1. `Auxiliary files` : Organism specific files
2. `Sample(s) files` : Experiment specific files


In [36]:
import pandas as pd

def make_pretty(styler):
    styler.background_gradient(axis=None, cmap="YlGnBu")
    return styler

## 1. Auxiliary files

These files includes:
### [WGCNA_COLOR_MAP.csv](https://raw.githubusercontent.com/nilesh-iiita/POTFUL/main/Auxiliary_File/WGCNA_COLOR_MAP.csv)

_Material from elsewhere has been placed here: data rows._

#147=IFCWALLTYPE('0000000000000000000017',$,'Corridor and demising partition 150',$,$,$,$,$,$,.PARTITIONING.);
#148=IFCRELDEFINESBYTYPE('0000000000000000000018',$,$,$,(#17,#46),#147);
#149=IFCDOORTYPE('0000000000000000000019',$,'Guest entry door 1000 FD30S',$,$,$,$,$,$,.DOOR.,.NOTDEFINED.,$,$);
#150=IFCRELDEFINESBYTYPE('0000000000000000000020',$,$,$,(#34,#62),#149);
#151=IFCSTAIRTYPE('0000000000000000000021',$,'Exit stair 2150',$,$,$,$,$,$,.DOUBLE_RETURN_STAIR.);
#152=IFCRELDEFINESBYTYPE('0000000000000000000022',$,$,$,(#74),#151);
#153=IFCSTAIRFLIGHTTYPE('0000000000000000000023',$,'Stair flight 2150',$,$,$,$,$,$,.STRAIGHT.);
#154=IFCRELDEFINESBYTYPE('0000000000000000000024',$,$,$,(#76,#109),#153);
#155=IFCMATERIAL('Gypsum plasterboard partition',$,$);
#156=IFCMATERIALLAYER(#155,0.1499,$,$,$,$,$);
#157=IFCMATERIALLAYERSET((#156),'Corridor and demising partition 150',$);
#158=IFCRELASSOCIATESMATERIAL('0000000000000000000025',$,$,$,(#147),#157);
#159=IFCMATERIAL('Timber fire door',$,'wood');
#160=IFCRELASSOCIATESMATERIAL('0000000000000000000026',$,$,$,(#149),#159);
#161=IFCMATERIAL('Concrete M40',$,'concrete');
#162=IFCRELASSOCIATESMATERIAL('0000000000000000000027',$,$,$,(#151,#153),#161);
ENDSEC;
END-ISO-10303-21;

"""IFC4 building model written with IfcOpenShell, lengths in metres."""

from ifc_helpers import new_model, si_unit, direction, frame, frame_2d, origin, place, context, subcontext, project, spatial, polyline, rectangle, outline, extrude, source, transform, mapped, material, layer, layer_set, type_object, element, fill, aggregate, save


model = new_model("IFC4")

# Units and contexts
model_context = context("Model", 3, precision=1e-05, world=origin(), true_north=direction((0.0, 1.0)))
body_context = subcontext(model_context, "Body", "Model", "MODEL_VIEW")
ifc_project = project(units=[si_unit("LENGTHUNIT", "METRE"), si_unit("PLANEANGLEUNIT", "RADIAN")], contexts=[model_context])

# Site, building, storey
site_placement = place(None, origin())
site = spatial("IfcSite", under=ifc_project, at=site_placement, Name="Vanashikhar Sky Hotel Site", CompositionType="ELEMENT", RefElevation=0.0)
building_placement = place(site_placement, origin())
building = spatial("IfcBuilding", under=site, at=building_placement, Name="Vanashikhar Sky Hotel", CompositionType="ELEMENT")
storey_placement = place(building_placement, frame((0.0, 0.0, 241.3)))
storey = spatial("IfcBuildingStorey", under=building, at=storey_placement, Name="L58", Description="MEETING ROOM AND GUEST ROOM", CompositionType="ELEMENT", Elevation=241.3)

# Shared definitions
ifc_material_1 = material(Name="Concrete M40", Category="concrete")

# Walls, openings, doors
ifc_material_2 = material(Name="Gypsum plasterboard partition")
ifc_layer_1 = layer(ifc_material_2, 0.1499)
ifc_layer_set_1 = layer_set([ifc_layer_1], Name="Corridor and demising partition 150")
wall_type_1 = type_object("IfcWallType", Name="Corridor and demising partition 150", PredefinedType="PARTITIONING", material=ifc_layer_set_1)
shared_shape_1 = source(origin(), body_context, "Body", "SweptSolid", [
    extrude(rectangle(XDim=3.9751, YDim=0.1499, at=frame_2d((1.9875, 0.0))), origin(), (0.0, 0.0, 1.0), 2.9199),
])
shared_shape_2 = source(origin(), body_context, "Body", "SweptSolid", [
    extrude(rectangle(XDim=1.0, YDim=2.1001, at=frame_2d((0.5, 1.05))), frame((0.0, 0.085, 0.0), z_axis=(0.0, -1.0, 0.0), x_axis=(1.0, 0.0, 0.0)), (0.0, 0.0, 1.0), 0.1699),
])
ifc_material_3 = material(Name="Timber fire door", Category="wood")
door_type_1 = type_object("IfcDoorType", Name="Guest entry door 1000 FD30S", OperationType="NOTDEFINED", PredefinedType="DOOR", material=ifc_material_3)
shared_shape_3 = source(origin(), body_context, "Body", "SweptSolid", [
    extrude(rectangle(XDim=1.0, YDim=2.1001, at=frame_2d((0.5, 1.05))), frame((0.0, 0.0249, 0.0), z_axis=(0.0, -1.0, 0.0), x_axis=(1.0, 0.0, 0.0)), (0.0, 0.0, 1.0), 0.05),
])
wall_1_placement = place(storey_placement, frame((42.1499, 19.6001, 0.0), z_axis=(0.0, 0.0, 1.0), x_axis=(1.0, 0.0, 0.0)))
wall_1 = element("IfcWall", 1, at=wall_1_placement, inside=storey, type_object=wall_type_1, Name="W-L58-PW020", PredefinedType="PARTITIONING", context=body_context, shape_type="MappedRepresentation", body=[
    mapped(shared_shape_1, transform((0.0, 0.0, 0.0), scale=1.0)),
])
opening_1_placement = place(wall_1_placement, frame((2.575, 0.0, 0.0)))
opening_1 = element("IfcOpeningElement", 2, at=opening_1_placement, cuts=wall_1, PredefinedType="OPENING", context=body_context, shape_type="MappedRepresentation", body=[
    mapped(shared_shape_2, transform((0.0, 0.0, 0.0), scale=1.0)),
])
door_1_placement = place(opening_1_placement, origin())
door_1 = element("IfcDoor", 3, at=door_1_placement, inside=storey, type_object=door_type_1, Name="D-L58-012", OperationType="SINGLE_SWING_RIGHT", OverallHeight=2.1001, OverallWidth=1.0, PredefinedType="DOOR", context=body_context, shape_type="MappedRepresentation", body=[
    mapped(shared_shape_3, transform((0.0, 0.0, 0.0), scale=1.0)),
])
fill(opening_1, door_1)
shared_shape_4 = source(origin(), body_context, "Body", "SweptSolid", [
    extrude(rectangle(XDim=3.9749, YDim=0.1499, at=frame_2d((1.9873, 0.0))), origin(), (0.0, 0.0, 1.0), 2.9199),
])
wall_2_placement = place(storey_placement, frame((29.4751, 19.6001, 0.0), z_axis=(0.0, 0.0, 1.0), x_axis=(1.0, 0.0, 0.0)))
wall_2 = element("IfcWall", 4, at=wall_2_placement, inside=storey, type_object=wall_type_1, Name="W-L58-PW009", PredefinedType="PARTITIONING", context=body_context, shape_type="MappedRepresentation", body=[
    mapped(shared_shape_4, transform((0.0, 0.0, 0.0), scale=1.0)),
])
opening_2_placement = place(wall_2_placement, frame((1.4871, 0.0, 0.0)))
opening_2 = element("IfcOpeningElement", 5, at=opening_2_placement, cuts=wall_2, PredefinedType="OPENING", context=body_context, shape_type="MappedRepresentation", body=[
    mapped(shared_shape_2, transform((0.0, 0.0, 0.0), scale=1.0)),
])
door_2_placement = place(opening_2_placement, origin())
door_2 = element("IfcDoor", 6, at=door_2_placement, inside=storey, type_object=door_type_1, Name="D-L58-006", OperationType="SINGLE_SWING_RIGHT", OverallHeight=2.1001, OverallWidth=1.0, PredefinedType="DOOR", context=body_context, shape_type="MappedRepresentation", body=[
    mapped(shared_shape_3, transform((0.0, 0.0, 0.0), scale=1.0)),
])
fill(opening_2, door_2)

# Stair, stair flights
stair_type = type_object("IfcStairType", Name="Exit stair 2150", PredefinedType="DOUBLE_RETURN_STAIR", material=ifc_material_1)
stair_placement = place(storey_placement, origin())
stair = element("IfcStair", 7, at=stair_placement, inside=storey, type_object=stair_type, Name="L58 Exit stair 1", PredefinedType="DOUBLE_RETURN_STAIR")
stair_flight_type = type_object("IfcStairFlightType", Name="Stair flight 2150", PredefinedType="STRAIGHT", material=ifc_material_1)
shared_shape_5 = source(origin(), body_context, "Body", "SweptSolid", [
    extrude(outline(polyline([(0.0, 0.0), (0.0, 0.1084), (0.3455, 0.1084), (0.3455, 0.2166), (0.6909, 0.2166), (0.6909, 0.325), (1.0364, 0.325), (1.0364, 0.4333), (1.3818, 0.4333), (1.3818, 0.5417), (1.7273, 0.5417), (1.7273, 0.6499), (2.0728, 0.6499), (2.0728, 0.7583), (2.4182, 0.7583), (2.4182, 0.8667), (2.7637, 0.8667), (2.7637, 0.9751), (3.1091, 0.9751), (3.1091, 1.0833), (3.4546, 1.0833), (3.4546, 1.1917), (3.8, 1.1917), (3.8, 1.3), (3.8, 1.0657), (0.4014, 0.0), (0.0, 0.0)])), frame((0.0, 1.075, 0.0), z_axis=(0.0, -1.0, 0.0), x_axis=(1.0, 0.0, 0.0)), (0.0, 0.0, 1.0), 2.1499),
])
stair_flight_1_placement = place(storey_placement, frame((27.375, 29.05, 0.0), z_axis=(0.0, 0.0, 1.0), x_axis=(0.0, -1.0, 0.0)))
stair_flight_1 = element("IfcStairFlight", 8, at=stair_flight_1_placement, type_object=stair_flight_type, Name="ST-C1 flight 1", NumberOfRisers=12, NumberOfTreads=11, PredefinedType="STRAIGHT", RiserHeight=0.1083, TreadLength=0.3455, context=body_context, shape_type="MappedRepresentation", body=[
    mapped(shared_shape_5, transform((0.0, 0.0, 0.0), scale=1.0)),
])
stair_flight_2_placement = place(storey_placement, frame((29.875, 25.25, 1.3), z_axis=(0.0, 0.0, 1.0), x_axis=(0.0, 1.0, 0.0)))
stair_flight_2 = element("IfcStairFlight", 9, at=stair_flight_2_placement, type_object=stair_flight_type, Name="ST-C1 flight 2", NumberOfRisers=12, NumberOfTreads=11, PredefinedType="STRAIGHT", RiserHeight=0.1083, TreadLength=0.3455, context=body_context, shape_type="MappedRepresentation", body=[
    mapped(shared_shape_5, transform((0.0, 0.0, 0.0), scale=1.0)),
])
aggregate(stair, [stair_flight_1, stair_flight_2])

WGCNA color map file, fixed for all experiments.

`Comma-separated values`


In [15]:
pd.read_csv("Auxiliary_File/WGCNA_COLOR_MAP.csv", sep=",").head()

Unnamed: 0,Color_name,Color_hex
0,grey,#BEBEBE
1,turquoise,#40E0D0
2,blue,#0000FF
3,brown,#A52A2A
4,yellow,#FFFF00


### [masterTF-target.txt](https://github.com/nilesh-iiita/POTFUL/blob/main/Auxiliary_File/masterTF-target.txt)

Curated TF-target network, specific for *Arabidopsis thaliana*. For data of different species, organism specific TF-target data is required.

`Tab-separated values`


In [40]:
pd.read_csv("Auxiliary_File/masterTF-target.txt", sep="\t").head().style.pipe(make_pretty)

Unnamed: 0,TF,Gene,Input
0,AT1G08290,AT5G66250,1
1,AT1G08290,AT5G65920,1
2,AT1G08290,AT5G65005,1
3,AT1G08290,AT5G37660,1
4,AT1G08290,AT5G26990,1


### [Arabidopsis_TF and family.csv](https://github.com/nilesh-iiita/POTFUL/blob/main/Auxiliary_File/Arabidopsis_TF%20and%20family.csv)

List TF and their family, specific for *Arabidopsis thaliana*. For data of different species, organism specific TF-family data is required.

`Comma-separated values`


In [16]:
pd.read_csv("Auxiliary_File/Arabidopsis_TF and family.csv", sep=",").head()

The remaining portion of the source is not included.